From the Department of Pediatric Anesthesiology, Children's Healthcare of Atlanta, Emory University School of Medicine, Atlanta, Georgia.
Department of Anesthesiology and Critical Care Medicine, Rady Children's Hospital, San Diego, California.
Anesth Analg. 2021 Nov 1;133(5):1077-1088. doi: 10.1213/ANE.0000000000005416.
We sought to examine potential associations between pediatric postcardiac surgical hematocrit values and postoperative complications or mortality.
A retrospective, cross-sectional study from the Society of Thoracic Surgeons Congenital Heart Surgery Database (STS-CHSD) and Congenital Cardiac Anesthesia Society Database Module (2014-2019) was completed. Multivariable logistic regression models, adjusting for covariates in the STS-CHSD mortality risk model, were used to assess the relationship between postoperative hematocrit and the primary outcomes of operative mortality or any major complication. Hematocrit was assessed as a continuous variable using linear splines to account for nonlinear relationships with outcomes. Operations after which the oxygen saturation is typically observed to be <92% were classified as cyanotic and ≥92% as acyanotic.
In total, 27,462 index operations were included, with 4909 (17.9%) being cyanotic and 22,553 (82.1%) acyanotic. For cyanotic patients, each 5% incremental increase in hematocrit over 42% was associated with a 1.31-fold (95% confidence interval [CI], 1.10-1.55; P = .003) increase in the odds of operative mortality and a 1.22-fold (95% CI, 1.10-1.36; P < .001) increase in the odds of a major complication. For acyanotic patients, each 5% incremental increase in hematocrit >38% was associated with a 1.45-fold (95% CI, 1.28-1.65; P < .001) increase in the odds of operative mortality and a 1.21-fold (95% CI, 1.14-1.29; P < .001) increase in the odds of a major complication.
High hematocrit on arrival to the intensive care unit (ICU) is associated with increased operative mortality and major complications in pediatric patients following cardiac surgery.

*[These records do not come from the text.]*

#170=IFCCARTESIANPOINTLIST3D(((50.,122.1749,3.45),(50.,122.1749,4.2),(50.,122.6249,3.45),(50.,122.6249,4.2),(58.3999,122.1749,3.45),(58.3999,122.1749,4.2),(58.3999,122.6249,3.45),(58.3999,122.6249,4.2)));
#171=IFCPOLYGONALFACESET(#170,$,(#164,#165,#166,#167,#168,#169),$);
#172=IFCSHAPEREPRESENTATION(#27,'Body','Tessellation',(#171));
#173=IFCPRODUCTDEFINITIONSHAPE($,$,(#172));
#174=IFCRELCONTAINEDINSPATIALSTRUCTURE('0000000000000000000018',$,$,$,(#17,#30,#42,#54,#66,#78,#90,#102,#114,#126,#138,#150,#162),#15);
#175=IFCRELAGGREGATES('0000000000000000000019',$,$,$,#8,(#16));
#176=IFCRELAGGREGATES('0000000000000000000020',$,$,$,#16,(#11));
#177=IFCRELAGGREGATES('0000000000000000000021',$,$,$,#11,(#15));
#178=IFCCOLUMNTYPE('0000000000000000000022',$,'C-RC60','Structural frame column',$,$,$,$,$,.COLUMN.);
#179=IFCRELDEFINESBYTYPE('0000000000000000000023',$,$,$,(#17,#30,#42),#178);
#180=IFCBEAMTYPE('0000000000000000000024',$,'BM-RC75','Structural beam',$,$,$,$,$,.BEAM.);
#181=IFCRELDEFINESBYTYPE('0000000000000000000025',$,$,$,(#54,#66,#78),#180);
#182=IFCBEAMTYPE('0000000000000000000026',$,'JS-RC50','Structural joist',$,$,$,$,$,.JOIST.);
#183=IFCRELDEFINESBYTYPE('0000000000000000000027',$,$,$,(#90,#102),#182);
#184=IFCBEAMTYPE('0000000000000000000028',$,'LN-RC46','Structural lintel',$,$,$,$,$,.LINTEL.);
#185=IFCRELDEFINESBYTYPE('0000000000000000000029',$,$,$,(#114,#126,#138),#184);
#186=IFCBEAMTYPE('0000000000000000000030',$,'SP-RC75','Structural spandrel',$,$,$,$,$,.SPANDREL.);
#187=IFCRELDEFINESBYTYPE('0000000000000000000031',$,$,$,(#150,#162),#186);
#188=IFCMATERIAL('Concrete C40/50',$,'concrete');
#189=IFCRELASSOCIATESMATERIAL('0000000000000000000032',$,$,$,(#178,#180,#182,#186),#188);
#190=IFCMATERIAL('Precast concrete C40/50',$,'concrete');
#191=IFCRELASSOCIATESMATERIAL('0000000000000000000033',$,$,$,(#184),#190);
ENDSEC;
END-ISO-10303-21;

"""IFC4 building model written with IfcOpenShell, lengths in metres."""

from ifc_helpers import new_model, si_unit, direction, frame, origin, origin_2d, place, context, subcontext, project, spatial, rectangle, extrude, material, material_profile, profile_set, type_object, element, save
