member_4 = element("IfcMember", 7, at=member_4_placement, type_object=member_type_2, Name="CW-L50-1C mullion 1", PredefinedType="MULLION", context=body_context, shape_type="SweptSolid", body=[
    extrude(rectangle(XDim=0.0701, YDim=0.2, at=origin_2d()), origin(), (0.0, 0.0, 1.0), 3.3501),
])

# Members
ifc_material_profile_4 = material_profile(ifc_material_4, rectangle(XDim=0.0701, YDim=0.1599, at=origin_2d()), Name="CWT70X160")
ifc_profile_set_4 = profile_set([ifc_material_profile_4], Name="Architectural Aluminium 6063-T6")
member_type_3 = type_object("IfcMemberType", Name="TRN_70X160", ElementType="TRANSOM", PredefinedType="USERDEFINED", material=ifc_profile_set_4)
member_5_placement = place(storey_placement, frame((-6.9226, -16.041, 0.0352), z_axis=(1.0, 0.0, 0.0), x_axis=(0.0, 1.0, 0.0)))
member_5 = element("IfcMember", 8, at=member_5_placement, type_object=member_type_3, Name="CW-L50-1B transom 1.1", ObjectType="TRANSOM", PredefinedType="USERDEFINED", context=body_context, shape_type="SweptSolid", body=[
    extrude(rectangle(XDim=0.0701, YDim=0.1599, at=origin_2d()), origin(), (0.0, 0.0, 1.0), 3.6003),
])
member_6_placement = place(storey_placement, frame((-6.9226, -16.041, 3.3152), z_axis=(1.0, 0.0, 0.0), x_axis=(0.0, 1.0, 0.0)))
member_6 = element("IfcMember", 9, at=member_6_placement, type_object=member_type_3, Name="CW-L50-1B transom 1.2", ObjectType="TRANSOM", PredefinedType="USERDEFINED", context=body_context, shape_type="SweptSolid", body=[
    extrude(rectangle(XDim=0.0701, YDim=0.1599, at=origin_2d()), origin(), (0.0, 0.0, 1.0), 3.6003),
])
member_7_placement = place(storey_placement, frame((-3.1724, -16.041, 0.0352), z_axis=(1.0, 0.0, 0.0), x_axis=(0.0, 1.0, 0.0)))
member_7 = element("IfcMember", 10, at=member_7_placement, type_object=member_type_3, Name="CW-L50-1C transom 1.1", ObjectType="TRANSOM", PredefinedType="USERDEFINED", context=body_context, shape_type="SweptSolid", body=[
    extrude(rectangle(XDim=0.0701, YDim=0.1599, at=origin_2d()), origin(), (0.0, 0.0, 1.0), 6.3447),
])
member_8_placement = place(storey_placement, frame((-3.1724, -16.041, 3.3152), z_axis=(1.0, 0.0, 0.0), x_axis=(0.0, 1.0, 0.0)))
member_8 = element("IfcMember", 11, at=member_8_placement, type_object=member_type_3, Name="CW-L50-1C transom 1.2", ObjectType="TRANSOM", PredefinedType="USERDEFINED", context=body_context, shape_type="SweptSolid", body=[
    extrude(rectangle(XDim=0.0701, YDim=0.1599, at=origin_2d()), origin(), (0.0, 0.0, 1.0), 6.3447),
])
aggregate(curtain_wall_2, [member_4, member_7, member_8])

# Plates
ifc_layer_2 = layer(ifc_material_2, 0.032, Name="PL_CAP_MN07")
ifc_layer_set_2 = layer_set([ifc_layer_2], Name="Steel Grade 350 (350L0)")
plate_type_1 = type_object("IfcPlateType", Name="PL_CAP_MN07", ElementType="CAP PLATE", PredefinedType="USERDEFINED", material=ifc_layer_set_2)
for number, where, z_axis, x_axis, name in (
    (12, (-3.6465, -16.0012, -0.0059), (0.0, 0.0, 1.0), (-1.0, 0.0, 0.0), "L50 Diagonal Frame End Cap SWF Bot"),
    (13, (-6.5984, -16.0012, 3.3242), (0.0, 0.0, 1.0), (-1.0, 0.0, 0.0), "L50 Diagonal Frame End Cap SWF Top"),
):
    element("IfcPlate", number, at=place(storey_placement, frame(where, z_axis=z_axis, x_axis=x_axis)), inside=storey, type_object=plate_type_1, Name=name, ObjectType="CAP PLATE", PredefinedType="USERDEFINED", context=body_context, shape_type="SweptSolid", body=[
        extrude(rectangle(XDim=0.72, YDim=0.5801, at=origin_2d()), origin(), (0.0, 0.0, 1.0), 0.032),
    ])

我们旨在研究小儿心脏手术后血球压积值与术后并发症或死亡率之间的潜在关联。
一项来自胸外科医师学会先天性心脏病外科学数据库(STS-CHSD)和先天性心脏麻醉学会数据库模块(2014-2019 年)的回顾性、横断面研究完成。使用多变量逻辑回归模型,根据 STS-CHSD 死亡率风险模型中的协变量进行调整,评估术后血球压积与手术死亡率或任何主要并发症的主要结局之间的关系。使用线性样条来评估血球压积与结果之间的非线性关系,将血球压积作为连续变量进行评估。通常情况下,氧饱和度观察值<92%的手术被归类为发绀,而≥92%的手术被归类为非发绀。
共纳入 27462 例指数手术,其中 4909 例(17.9%)为发绀,22553 例(82.1%)为非发绀。对于发绀患者,血球压积每增加 5%,超过 42%,手术死亡率的几率增加 1.31 倍(95%置信区间 [CI],1.10-1.55;P =.003),主要并发症的几率增加 1.22 倍(95% CI,1.10-1.36;P <.001)。对于非发绀患者,血球压积每增加 5%,超过 38%,手术死亡率的几率增加 1.45 倍(95% CI,1.28-1.65;P <.001),主要并发症的几率增加 1.21 倍(95% CI,1.14-1.29;P <.001)。
到达重症监护病房(ICU)时的高血球压积与小儿心脏手术后的手术死亡率和主要并发症增加相关。